Supplemental Opinion

This cause now comes on before the Court on a petition for rehearing, which was filed on February 24, 1960.

The petition requests a rehearing on the claim of Marvin Kerr, and pertains only to the extent of the award- given to Marvin Kerr by this Court.

The Court, in arriving at the amount of the award, took into consideration the nature and extent of Marvin Kerr’s injuries based upon the only medical testimony that was offered, and upon the testimony of claimant as to his injuries, and giving to it the probative consideration, which we believed it was entitled to.

From the medical testimony, there is no question of permanency. The actual medical bills were very small. The only other testimony we had was that of Marvin Kerr himself, and, based upon all of this testimony, we considered that the award entered was adequate.

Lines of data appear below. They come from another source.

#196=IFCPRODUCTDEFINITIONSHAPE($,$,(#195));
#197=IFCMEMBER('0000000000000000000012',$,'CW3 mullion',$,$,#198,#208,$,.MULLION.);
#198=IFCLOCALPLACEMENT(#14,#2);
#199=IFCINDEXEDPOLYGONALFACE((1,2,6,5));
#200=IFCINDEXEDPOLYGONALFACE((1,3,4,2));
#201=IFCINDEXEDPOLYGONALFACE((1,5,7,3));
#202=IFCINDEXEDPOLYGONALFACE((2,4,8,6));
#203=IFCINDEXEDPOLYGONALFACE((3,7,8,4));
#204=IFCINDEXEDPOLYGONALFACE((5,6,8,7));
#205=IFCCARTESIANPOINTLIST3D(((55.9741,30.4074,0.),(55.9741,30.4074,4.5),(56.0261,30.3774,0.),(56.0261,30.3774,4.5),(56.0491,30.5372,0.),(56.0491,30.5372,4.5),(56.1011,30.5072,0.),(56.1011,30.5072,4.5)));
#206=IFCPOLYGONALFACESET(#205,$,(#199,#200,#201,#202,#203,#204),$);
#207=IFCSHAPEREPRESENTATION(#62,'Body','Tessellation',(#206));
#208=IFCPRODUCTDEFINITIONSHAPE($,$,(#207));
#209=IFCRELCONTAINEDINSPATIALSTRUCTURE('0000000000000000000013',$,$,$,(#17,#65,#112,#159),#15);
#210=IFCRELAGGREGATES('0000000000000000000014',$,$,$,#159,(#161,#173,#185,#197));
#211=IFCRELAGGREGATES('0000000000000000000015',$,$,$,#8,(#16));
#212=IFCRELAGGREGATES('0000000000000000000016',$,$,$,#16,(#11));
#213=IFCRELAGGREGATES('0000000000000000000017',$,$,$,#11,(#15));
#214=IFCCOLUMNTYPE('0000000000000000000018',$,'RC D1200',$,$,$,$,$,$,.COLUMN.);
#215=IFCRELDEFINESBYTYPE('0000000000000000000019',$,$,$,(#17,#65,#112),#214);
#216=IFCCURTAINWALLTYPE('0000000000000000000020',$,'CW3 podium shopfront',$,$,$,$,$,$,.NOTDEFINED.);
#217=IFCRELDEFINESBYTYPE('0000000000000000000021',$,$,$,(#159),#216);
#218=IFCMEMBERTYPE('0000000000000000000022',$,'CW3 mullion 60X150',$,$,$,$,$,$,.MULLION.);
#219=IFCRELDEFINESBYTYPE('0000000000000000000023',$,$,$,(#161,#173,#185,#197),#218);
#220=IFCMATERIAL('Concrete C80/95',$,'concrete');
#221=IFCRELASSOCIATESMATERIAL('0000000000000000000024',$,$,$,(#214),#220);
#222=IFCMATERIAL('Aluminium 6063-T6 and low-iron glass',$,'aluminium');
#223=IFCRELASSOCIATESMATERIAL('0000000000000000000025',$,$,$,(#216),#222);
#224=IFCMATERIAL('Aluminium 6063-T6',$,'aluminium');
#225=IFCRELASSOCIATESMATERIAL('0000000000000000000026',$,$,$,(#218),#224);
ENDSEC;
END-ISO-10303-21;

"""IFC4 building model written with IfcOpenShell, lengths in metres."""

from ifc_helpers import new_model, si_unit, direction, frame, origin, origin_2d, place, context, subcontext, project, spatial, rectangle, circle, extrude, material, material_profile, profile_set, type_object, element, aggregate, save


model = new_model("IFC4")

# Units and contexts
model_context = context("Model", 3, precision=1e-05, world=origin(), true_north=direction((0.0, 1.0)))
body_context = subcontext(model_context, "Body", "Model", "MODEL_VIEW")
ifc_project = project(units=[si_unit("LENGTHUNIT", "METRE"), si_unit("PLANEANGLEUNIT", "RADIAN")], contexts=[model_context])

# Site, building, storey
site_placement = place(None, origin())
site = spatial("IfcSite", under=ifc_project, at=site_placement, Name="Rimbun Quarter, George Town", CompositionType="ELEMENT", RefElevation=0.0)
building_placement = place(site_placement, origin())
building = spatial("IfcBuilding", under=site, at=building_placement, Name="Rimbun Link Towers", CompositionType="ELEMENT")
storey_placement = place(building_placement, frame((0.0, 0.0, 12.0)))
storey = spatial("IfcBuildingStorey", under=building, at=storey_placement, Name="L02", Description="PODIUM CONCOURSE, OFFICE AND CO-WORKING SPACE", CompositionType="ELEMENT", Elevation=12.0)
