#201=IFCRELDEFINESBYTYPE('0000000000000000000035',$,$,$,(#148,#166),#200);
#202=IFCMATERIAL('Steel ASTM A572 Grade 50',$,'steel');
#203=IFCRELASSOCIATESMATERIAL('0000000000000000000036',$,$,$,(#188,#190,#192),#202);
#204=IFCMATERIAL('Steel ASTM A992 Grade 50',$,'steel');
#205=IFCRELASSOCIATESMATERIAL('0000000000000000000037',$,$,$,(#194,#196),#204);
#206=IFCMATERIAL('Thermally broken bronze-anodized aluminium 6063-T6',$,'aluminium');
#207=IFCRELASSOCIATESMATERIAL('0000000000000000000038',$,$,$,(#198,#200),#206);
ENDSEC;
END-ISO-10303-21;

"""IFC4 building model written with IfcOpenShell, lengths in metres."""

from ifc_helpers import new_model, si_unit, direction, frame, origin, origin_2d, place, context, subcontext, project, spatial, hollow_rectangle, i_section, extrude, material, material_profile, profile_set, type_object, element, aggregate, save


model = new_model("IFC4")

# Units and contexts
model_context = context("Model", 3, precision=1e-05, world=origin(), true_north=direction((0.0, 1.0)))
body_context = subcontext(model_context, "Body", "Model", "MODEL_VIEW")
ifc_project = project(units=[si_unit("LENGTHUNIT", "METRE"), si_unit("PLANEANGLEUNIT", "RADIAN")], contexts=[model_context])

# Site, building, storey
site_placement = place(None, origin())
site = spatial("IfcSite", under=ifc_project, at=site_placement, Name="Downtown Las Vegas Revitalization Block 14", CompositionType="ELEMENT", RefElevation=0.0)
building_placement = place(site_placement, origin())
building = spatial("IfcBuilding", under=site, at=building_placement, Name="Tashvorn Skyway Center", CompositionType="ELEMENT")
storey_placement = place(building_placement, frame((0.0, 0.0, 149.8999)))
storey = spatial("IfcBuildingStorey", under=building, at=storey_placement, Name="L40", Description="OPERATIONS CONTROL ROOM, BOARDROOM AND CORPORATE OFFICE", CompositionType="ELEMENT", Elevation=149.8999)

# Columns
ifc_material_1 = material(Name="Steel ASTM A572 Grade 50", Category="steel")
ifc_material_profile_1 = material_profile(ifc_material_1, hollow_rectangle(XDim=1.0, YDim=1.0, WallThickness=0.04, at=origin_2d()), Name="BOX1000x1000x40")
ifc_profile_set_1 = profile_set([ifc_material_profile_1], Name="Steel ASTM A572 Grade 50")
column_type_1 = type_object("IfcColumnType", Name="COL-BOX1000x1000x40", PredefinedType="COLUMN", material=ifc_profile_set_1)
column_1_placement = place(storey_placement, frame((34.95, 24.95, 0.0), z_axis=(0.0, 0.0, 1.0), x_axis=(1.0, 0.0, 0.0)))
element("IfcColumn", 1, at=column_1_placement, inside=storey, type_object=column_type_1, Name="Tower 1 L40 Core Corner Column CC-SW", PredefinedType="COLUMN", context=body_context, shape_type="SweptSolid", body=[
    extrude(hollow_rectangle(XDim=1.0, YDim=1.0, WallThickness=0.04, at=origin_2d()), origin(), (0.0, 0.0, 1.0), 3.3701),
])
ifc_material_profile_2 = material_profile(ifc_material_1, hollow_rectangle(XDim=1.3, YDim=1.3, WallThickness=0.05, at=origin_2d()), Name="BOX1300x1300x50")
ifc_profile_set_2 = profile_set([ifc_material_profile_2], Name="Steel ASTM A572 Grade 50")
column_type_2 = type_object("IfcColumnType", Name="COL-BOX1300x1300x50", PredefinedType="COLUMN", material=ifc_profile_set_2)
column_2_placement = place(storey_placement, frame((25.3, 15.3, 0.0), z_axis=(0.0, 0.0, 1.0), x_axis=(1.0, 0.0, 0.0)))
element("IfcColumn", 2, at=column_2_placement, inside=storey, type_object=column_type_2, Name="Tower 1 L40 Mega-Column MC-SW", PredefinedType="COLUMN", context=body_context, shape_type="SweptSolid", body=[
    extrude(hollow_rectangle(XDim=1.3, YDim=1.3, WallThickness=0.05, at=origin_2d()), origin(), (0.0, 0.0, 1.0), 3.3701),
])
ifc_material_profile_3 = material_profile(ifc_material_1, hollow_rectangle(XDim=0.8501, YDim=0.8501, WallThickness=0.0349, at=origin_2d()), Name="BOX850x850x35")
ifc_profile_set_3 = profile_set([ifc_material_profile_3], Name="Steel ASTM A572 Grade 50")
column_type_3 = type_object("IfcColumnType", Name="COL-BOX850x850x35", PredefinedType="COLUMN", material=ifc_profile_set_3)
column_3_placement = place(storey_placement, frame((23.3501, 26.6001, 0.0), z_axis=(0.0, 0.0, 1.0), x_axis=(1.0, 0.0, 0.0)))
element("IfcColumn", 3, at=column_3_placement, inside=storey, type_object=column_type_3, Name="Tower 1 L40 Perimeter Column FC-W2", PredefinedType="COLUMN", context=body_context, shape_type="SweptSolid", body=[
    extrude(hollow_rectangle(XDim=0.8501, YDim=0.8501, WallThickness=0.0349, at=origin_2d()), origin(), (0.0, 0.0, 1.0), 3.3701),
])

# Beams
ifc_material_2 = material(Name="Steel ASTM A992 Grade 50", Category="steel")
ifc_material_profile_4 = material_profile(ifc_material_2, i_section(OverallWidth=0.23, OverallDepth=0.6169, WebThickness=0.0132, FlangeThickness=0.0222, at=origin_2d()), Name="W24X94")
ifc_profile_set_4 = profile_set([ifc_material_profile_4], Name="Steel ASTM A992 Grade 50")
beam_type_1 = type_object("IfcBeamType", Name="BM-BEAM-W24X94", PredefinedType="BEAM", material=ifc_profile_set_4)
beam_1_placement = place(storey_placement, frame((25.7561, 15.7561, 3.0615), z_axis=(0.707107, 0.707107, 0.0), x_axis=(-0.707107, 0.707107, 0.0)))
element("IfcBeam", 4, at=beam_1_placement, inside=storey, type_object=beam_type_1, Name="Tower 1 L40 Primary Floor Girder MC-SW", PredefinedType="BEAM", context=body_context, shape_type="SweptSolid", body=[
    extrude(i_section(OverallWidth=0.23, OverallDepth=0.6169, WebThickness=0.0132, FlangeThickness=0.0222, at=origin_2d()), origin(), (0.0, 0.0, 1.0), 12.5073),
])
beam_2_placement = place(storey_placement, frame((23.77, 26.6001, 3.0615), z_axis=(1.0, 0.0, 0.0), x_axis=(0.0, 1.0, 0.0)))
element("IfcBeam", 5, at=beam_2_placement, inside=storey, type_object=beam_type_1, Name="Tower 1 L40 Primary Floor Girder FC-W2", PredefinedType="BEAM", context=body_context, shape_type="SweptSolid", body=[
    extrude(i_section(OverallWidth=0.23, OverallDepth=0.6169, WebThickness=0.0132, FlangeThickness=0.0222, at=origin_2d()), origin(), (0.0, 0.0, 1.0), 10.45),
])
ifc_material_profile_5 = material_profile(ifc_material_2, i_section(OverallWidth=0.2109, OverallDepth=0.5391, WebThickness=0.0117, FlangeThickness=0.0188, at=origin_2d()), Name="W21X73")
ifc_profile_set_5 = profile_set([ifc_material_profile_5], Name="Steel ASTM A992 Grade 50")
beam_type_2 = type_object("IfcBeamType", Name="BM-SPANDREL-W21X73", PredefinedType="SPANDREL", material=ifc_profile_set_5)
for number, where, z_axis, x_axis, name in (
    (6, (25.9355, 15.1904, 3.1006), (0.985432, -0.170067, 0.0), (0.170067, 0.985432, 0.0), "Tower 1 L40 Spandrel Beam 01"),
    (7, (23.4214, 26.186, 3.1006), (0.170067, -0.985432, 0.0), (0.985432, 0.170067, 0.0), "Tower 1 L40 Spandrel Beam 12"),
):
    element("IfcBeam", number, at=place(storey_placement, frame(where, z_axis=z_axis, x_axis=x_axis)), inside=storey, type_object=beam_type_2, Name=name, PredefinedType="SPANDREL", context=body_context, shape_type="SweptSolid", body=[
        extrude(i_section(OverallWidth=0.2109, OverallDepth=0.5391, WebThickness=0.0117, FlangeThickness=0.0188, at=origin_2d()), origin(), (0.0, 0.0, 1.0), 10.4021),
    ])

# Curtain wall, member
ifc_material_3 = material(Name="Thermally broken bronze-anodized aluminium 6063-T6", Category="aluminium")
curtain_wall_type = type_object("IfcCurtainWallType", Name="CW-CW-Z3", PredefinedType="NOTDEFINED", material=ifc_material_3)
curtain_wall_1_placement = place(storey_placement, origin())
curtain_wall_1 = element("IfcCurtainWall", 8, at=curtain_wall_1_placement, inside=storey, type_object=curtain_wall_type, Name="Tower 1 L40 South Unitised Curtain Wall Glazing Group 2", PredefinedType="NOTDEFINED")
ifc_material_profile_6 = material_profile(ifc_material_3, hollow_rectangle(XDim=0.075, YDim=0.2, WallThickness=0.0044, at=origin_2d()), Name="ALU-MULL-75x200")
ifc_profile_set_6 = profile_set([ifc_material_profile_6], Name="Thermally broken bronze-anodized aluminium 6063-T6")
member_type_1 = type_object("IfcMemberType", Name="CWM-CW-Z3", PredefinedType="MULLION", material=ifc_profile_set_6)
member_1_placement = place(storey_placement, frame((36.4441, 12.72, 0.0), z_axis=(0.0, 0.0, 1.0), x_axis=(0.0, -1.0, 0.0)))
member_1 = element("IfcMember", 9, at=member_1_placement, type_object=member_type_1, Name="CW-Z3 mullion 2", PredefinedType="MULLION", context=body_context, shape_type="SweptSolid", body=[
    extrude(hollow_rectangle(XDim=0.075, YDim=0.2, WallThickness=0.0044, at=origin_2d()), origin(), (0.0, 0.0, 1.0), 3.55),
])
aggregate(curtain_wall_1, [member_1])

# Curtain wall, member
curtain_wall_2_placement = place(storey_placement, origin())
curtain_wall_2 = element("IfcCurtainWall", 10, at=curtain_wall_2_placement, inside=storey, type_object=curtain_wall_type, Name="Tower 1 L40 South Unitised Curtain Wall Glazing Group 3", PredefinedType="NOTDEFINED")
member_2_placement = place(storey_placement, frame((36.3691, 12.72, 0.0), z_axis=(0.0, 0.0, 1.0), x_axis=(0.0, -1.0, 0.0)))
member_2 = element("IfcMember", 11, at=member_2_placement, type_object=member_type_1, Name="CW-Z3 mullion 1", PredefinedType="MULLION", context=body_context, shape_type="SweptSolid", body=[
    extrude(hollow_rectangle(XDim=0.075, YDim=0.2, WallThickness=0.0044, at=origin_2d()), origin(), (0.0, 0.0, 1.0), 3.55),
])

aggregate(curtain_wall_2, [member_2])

As to loss of earnings, we only considered that evidence, which we believed to be competent. In order to have made a larger award, we would have had to do so on evidence, which, in our opinion, was speculative, uncertain and remote, and not commensurate with the damages claimed by claimant.

*223Inasmuch as this Court not only passes upon questions of law in each individual case, but is a trier of the facts, and sits in the place of a jury, we reserve the right to give the evidence offered in each individual case that •consideration, which we believe it is entitled to receive, and to make our award accordingly.

It is, therefore, the order of this Court that the petition for rehearing be denied.